The mechanism of the invention is as follows: the Salvianolic acid B is observed to promote the proliferation of adipose-derived stem cells by treating the adipose-derived stem cells with the Salvianolic acid B (Sal B), and promotes adipogenic differentiation by up-regulating PPAR gamma, CEBP alpha and FABP 4. The promotion of the proliferation and differentiation of the adipose-derived stem cells is particularly important for improving the survival rate of fat transplantation, and the survival rate of the transplanted fat can be effectively improved by treating the transplanted fat with salvianolic acid B, so that the method has wide application prospects in the aspects of improving the treatment of soft tissue defects and the like of clinical autologous fat transplantation.

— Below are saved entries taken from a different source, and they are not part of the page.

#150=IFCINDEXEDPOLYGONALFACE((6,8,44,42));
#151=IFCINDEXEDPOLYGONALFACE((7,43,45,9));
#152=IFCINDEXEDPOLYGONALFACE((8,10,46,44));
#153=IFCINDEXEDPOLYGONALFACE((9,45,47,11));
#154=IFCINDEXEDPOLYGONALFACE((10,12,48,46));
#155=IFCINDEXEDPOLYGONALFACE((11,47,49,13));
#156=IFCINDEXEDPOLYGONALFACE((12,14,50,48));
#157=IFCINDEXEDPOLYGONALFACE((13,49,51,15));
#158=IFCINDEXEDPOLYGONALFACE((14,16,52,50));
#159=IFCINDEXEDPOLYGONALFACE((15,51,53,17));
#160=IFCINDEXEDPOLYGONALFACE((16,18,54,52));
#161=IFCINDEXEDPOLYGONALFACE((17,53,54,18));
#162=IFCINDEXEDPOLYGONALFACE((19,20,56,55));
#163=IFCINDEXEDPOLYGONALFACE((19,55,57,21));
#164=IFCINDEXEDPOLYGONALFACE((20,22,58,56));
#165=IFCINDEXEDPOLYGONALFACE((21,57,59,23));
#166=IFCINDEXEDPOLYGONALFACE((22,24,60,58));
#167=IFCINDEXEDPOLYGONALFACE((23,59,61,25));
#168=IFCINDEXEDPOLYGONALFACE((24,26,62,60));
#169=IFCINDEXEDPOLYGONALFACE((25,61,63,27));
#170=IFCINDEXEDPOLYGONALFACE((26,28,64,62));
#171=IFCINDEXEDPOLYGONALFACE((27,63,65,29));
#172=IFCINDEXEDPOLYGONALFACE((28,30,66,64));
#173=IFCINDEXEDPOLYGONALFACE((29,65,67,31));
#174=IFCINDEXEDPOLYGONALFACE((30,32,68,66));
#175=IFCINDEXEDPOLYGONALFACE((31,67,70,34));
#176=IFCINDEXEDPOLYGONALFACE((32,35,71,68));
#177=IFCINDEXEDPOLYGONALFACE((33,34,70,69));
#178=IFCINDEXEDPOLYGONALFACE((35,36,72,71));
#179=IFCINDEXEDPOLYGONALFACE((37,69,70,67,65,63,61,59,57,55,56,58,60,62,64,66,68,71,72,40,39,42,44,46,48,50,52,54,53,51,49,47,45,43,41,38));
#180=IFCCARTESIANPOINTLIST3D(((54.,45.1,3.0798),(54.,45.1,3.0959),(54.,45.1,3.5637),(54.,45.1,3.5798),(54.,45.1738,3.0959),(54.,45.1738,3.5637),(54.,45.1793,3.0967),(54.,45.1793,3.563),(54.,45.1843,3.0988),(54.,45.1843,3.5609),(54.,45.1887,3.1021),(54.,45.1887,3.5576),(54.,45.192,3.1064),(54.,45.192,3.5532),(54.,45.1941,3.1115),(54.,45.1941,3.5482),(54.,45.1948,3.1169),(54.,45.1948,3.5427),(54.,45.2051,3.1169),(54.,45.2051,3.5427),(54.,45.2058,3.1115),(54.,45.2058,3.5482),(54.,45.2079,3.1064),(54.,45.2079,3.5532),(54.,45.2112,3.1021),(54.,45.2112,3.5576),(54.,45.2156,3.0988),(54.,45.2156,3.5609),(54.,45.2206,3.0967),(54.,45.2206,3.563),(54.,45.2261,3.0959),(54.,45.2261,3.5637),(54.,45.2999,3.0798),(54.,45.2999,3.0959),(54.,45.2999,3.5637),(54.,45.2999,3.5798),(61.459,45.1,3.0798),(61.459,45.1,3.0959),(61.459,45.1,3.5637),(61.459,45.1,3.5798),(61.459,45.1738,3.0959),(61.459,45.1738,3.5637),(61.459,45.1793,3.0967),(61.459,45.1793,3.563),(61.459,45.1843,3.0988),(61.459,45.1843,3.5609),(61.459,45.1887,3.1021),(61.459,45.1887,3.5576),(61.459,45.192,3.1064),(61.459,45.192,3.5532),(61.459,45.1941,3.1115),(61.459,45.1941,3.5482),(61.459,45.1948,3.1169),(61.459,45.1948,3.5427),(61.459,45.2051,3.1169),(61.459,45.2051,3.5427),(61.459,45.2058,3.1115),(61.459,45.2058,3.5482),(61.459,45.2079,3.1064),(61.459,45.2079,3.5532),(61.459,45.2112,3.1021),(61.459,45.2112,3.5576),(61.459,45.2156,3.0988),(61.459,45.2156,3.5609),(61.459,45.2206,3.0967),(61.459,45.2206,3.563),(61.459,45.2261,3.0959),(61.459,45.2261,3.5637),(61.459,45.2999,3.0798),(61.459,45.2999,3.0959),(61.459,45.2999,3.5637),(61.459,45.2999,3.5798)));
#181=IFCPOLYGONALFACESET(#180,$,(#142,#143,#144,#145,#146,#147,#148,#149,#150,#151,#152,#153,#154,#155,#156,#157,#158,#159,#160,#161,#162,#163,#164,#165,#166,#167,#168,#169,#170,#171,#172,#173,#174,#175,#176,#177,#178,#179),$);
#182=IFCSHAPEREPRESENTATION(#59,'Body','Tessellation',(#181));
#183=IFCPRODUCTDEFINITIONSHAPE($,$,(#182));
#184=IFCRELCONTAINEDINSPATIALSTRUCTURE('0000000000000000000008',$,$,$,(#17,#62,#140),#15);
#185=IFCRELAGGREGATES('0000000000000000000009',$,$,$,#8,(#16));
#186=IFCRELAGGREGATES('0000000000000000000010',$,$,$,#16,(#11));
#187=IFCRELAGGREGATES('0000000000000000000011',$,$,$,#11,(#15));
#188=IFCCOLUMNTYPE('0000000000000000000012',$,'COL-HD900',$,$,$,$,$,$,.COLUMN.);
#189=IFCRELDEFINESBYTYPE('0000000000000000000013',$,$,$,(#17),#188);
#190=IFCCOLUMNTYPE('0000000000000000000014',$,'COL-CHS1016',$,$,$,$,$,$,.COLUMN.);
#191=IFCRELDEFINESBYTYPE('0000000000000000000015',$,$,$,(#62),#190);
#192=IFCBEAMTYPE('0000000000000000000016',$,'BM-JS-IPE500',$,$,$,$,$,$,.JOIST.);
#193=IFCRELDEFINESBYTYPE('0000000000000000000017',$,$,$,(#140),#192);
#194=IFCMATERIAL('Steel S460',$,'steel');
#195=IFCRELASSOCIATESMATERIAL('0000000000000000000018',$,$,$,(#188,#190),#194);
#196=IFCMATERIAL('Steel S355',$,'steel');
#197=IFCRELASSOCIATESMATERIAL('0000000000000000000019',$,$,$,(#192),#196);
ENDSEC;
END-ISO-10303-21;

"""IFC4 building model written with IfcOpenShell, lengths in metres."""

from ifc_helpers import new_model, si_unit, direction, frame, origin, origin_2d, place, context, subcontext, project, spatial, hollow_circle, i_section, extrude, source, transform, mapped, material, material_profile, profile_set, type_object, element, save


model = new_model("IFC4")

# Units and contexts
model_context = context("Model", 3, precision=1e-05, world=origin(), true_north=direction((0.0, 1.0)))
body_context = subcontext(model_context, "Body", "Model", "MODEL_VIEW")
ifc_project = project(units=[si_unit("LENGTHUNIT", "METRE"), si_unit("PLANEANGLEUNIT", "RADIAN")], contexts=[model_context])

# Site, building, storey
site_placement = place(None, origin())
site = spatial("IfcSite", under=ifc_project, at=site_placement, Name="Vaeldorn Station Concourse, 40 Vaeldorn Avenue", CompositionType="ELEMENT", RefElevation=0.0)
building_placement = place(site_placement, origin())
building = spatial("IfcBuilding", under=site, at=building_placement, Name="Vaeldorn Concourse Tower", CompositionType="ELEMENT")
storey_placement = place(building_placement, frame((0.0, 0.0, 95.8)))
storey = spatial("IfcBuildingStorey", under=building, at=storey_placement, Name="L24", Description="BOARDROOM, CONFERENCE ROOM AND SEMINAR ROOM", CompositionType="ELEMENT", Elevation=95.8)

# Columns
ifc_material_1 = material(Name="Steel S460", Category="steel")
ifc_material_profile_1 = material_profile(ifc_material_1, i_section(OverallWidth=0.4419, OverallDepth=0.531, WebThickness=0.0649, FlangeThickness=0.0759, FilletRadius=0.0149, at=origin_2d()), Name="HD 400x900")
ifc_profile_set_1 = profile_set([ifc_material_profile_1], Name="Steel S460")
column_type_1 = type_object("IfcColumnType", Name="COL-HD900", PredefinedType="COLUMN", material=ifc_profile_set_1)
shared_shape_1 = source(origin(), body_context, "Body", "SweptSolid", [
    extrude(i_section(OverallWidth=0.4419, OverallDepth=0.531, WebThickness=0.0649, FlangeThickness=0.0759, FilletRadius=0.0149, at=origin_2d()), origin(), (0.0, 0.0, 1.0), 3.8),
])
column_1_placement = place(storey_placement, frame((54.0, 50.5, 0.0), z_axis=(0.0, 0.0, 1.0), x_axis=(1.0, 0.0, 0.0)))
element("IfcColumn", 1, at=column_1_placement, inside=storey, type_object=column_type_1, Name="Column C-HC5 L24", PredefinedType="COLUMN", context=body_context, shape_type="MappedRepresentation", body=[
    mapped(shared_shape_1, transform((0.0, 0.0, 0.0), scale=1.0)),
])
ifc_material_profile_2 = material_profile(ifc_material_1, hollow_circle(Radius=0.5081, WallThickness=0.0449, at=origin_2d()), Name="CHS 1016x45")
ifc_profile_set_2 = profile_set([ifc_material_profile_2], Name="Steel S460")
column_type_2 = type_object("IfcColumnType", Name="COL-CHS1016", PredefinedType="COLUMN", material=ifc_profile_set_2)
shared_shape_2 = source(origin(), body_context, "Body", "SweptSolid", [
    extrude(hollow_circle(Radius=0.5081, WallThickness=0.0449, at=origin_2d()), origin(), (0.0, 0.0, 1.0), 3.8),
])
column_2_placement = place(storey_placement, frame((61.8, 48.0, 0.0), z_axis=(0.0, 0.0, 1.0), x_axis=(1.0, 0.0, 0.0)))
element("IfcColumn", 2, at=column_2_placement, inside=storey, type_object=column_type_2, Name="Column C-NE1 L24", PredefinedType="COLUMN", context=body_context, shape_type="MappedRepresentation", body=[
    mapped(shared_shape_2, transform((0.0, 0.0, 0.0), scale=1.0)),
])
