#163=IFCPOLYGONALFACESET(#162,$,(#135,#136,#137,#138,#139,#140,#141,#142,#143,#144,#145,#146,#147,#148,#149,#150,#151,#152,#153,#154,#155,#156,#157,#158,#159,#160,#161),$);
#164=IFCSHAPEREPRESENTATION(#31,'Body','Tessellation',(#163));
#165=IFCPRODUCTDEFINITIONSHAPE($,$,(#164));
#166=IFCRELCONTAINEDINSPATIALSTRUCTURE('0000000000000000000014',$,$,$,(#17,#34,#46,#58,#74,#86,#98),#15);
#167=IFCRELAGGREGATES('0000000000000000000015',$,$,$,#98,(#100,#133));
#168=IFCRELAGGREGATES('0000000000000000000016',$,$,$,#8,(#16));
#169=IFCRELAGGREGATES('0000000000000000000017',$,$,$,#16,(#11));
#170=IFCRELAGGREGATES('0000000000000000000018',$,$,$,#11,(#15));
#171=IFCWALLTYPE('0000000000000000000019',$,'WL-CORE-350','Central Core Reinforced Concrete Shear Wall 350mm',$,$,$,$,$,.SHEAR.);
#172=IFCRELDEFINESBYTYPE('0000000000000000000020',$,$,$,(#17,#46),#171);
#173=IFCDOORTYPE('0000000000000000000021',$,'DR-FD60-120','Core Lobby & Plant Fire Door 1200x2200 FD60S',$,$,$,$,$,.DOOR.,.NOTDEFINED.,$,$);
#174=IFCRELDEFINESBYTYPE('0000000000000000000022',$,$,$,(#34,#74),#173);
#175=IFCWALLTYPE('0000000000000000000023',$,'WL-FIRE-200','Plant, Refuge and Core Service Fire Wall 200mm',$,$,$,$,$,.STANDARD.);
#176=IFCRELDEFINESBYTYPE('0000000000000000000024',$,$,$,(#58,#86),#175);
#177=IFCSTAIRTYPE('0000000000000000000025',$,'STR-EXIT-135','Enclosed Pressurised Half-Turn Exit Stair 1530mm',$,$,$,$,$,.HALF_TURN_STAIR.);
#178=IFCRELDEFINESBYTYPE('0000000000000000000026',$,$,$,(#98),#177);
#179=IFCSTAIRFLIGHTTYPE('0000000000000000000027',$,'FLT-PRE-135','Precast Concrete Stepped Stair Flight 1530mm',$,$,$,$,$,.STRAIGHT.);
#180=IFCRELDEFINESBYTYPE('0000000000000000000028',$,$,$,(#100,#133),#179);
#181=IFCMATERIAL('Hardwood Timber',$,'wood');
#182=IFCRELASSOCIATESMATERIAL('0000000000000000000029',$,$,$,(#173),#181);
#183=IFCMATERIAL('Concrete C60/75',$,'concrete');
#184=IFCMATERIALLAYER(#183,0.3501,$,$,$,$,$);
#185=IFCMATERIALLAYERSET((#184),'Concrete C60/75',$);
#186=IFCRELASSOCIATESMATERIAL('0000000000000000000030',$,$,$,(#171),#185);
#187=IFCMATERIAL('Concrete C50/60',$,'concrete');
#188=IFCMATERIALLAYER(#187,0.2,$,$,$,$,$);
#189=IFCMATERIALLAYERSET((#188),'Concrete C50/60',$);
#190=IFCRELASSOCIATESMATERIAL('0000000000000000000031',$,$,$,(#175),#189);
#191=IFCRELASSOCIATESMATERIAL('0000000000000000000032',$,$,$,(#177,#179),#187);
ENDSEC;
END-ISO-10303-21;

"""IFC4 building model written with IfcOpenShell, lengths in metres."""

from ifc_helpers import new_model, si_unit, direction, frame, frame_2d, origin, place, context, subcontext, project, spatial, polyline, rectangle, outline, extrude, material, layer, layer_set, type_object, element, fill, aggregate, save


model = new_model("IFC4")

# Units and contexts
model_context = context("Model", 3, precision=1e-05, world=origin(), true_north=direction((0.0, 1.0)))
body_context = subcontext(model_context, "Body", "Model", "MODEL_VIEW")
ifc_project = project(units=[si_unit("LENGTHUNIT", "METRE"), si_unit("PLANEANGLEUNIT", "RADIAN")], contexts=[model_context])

Finally, it should be noted that: the above embodiments are only used to illustrate the technical solution of the present invention, and not to limit the same; while the invention has been described in detail and with reference to the foregoing embodiments, it will be understood by those skilled in the art that: the technical solutions described in the foregoing embodiments may still be modified, or some or all of the technical features may be equivalently replaced; and the modifications or the substitutions do not make the essence of the corresponding technical solutions depart from the scope of the technical solutions of the embodiments of the present invention.